Из компании, занимавшейся сносом, приходили четыре раза, всё время были очень приветливы и радушны, будто все их заботы о жильцах, и они собираются вместе с жильцами поживиться за счёт государства. Замеряли площадь, сверили прописку, за Чжан Даминем закрепили трёхэтажную квартиру из трёх жилых комнат. Одну комнату — пожилой женщине, одну — молодой женщине, одну — семье из трёх человек, представитель компании сказал, что этот вариант хорош, лучше не бывает, но Чжан Даминь не соглашался. По его представлениям, нужна была квартира с тремя жилыми комнатами и квартира с одной комнатой. Или две двухкомнатные квартиры. Представитель сказал: у вас нет никаких оснований для этого. А он ответил: у меня есть основания. — Ну и какие у вас основания? Он сказал: у меня такие основания: мой сын — гений, он уже экстерном окончил класс, я хочу, чтоб он ещё два класса окончил экстерном. Ему нужно место, чтобы нормально готовиться к урокам, моему сыну нужен… кабинет! Когда речь дошла до слова «кабинет», Чжан Даминь почувствовал, что ему трудно выговорить, а сказав, смутился. Представитель сказал: государство не предоставляет кабинеты для гениальных детей, даже если они сразу после рождения в университет поступят. К тому же ему всего двенадцать лет, наш начальник ростом один метр шестьдесят шесть сантиметров, а мой сын ещё выше! Тут представитель рассмеялся: да будь он хоть два метра ростом, вам всё равно придётся жить с ним в одной комнате. Чжан Даминю было горько: так относиться к гению, страна рано или поздно ещё пожалеет об этом! Представитель компании, занимавшейся сносом, выразил глубочайшее сочувствие: давайте сначала подпишем договор, и пусть они потом жалеют! Чжан Даминь сел, подписал договор, только в душе чувствовал небольшое неудовлетворение. Комнаты — это печёная лепёшка, кабинет — лук, естественно, если в лепёшку завернуть лук, будет очень вкусно, но и просто лепёшка тоже сойдёт, всё лучше, чем ходить голодным.
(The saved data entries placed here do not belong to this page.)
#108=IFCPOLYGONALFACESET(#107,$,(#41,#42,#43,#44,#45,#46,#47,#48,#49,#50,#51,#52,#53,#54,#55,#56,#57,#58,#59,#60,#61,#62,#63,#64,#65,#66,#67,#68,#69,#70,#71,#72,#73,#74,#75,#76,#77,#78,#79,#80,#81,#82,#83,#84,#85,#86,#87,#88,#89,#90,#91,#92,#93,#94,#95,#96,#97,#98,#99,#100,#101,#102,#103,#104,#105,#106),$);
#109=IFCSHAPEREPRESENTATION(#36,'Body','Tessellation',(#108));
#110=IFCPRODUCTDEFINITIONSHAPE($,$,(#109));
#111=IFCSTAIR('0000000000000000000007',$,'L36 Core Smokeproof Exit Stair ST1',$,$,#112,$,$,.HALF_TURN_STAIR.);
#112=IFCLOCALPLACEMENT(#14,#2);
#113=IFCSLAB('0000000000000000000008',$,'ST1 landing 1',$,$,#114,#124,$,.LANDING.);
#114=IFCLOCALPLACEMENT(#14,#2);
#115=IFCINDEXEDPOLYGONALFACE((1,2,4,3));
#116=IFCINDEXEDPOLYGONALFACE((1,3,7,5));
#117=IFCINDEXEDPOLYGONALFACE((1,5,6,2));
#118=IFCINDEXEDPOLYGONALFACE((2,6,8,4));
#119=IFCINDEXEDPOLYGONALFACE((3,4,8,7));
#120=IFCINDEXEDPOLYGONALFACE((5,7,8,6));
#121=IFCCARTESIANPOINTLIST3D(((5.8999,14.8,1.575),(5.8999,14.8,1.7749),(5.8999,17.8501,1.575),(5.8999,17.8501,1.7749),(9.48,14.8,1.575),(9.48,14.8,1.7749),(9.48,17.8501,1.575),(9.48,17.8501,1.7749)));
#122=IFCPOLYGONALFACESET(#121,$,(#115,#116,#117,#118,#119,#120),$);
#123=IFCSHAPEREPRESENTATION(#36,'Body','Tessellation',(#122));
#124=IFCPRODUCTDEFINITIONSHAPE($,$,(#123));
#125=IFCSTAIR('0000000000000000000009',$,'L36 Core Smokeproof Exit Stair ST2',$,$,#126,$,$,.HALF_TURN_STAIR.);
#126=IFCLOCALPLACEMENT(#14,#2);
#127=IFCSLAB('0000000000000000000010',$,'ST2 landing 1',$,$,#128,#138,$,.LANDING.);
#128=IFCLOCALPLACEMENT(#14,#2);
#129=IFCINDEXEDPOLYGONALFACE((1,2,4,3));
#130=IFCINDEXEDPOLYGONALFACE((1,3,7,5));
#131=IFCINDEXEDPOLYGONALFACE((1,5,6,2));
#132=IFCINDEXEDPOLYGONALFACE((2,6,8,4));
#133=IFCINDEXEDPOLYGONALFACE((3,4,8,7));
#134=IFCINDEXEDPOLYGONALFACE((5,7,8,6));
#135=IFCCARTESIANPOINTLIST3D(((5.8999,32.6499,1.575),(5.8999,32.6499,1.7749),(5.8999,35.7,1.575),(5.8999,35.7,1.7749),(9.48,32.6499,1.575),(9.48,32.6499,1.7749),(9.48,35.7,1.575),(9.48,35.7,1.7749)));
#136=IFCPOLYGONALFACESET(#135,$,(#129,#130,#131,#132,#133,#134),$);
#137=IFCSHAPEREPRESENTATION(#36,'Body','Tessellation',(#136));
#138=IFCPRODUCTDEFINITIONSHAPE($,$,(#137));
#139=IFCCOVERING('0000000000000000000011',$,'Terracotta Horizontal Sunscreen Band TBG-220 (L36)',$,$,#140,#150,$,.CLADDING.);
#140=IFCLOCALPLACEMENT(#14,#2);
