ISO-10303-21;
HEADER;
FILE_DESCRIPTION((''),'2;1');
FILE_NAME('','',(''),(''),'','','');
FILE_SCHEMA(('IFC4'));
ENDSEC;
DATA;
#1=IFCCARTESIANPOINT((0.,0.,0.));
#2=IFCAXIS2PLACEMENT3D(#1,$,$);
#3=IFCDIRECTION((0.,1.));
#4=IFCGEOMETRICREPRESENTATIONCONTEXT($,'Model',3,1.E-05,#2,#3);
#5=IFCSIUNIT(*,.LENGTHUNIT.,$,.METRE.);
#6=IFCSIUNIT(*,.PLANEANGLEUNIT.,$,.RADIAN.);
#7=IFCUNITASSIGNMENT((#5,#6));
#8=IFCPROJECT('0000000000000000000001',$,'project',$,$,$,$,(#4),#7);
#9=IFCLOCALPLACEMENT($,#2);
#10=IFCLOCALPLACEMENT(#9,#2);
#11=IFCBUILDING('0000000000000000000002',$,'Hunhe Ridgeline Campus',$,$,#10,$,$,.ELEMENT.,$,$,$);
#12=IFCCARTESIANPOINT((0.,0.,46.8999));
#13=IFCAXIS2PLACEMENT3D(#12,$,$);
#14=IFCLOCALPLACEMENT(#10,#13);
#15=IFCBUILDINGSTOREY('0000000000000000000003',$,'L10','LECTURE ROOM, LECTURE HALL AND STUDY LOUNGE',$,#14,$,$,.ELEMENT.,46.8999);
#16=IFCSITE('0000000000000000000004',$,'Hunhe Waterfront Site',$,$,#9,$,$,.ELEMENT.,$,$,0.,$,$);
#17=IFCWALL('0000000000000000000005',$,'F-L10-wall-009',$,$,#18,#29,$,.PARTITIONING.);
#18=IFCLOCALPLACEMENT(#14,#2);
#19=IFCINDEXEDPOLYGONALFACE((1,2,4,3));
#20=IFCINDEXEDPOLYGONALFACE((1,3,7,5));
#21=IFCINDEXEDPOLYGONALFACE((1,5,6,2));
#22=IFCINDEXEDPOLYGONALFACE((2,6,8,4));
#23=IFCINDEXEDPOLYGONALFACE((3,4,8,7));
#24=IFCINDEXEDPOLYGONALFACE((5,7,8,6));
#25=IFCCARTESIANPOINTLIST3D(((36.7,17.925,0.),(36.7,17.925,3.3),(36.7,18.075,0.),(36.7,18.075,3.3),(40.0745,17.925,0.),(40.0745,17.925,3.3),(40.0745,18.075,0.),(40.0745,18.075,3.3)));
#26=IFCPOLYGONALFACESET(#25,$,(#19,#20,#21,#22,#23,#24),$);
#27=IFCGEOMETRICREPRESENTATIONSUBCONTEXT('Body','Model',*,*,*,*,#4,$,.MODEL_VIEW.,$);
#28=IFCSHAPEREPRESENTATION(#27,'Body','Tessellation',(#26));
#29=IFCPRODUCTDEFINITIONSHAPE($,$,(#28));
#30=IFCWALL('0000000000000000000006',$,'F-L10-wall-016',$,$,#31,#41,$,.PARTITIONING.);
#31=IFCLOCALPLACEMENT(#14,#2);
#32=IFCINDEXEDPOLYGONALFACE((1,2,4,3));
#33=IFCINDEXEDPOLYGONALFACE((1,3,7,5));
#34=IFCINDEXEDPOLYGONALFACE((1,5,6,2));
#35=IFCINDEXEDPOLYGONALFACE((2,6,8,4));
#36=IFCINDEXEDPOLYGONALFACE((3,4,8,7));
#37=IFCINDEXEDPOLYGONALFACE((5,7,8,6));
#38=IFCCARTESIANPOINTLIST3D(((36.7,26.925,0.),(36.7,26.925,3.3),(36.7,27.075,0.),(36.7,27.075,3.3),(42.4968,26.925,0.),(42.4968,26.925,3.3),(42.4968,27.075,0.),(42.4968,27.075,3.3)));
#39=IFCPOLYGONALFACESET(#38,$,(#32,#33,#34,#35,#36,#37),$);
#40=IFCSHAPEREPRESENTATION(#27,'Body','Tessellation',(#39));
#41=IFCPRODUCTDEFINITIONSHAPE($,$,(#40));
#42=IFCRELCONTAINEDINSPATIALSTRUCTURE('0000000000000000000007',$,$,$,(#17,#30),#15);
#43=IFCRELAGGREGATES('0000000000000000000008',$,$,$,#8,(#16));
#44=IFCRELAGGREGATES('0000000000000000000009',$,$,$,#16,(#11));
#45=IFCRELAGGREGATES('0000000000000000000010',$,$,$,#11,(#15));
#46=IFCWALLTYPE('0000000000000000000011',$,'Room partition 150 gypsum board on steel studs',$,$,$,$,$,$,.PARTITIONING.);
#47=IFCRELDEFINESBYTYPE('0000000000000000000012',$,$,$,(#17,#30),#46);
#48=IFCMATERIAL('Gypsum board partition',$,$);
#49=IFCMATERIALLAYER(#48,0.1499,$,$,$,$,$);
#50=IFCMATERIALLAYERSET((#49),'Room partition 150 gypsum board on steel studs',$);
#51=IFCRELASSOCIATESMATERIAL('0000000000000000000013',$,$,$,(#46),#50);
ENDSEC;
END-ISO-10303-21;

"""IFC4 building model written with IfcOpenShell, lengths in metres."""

from ifc_helpers import new_model, si_unit, direction, frame, frame_2d, origin, place, context, subcontext, project, spatial, rectangle, extrude, material, layer, layer_set, type_object, element, save


model = new_model("IFC4")

# Units and contexts
model_context = context("Model", 3, precision=1e-05, world=origin(), true_north=direction((0.0, 1.0)))
body_context = subcontext(model_context, "Body", "Model", "MODEL_VIEW")
ifc_project = project(units=[si_unit("LENGTHUNIT", "METRE"), si_unit("PLANEANGLEUNIT", "RADIAN")], contexts=[model_context])

# Site, building, storey
site_placement = place(None, origin())
site = spatial("IfcSite", under=ifc_project, at=site_placement, Name="Hunhe Waterfront Site", CompositionType="ELEMENT", RefElevation=0.0)
building_placement = place(site_placement, origin())
building = spatial("IfcBuilding", under=site, at=building_placement, Name="Hunhe Ridgeline Campus", CompositionType="ELEMENT")
storey_placement = place(building_placement, frame((0.0, 0.0, 46.8999)))
storey = spatial("IfcBuildingStorey", under=building, at=storey_placement, Name="L10", Description="LECTURE ROOM, LECTURE HALL AND STUDY LOUNGE", CompositionType="ELEMENT", Elevation=46.8999)

# Walls
ifc_material_1 = material(Name="Gypsum board partition")
ifc_layer_1 = layer(ifc_material_1, 0.1499)
ifc_layer_set_1 = layer_set([ifc_layer_1], Name="Room partition 150 gypsum board on steel studs")
wall_type_1 = type_object("IfcWallType", Name="Room partition 150 gypsum board on steel studs", PredefinedType="PARTITIONING", material=ifc_layer_set_1)
wall_1_placement = place(storey_placement, frame((36.7, 18.0, 0.0), z_axis=(0.0, 0.0, 1.0), x_axis=(1.0, 0.0, 0.0)))
element("IfcWall", 1, at=wall_1_placement, inside=storey, type_object=wall_type_1, Name="F-L10-wall-009", PredefinedType="PARTITIONING", context=body_context, shape_type="SweptSolid", body=[
    extrude(rectangle(XDim=3.3745, YDim=0.1499, at=frame_2d((1.6873, 0.0))), origin(), (0.0, 0.0, 1.0), 3.3),
])
wall_2_placement = place(storey_placement, frame((36.7, 27.0, 0.0), z_axis=(0.0, 0.0, 1.0), x_axis=(1.0, 0.0, 0.0)))
element("IfcWall", 2, at=wall_2_placement, inside=storey, type_object=wall_type_1, Name="F-L10-wall-016", PredefinedType="PARTITIONING", context=body_context, shape_type="SweptSolid", body=[
    extrude(rectangle(XDim=5.7969, YDim=0.1499, at=frame_2d((2.8984, 0.0))), origin(), (0.0, 0.0, 1.0), 3.3),
])

save(model, "model.ifc")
Эта новость, достигнув больничной палаты, вызвала непредсказуемый эффект. Чжан Сыминь точно знала, что уже не сможет там жить, тем не менее описала свою будущую комнату и давала всем наставления, как её обставить. Никогда не виденная комната стала прекрасным видением, которое захватило её, дало ей ощущение удовлетворения. Перед смертью у неё не было других мыслей, она лишь повторяла слово «шторы». Когда ей купили дорогие шторы и дали потрогать, она тихонько покачала головой. Внезапно вспомнили, что её любимый цвет зелёный, поспешили поменять на зелёные шёлковые, она осторожно потрогала и опять тихонько покачала головой. Ли Юньфан тогда пошла в магазин и купила самую дешёвую ткань светло-зелёного цвета, очень тонкую, почти прозрачную. Чжан Сыминь дотронулась пальцами, взяла и не отпускала, поднесла близко к глазам и осмотрела каждый миллиметр, как будто рассматривала каждый прожитый день. Она не могла вымолвить ни слова, только на лице её появилась бледная улыбка, будто составлявшая единое целое с бледной тканью. Во время просветления перед смертью она вдруг отчётливо сказала несколько слов. Это был итог её жизни и в то же время чёткое завещание Чжан Сяошу.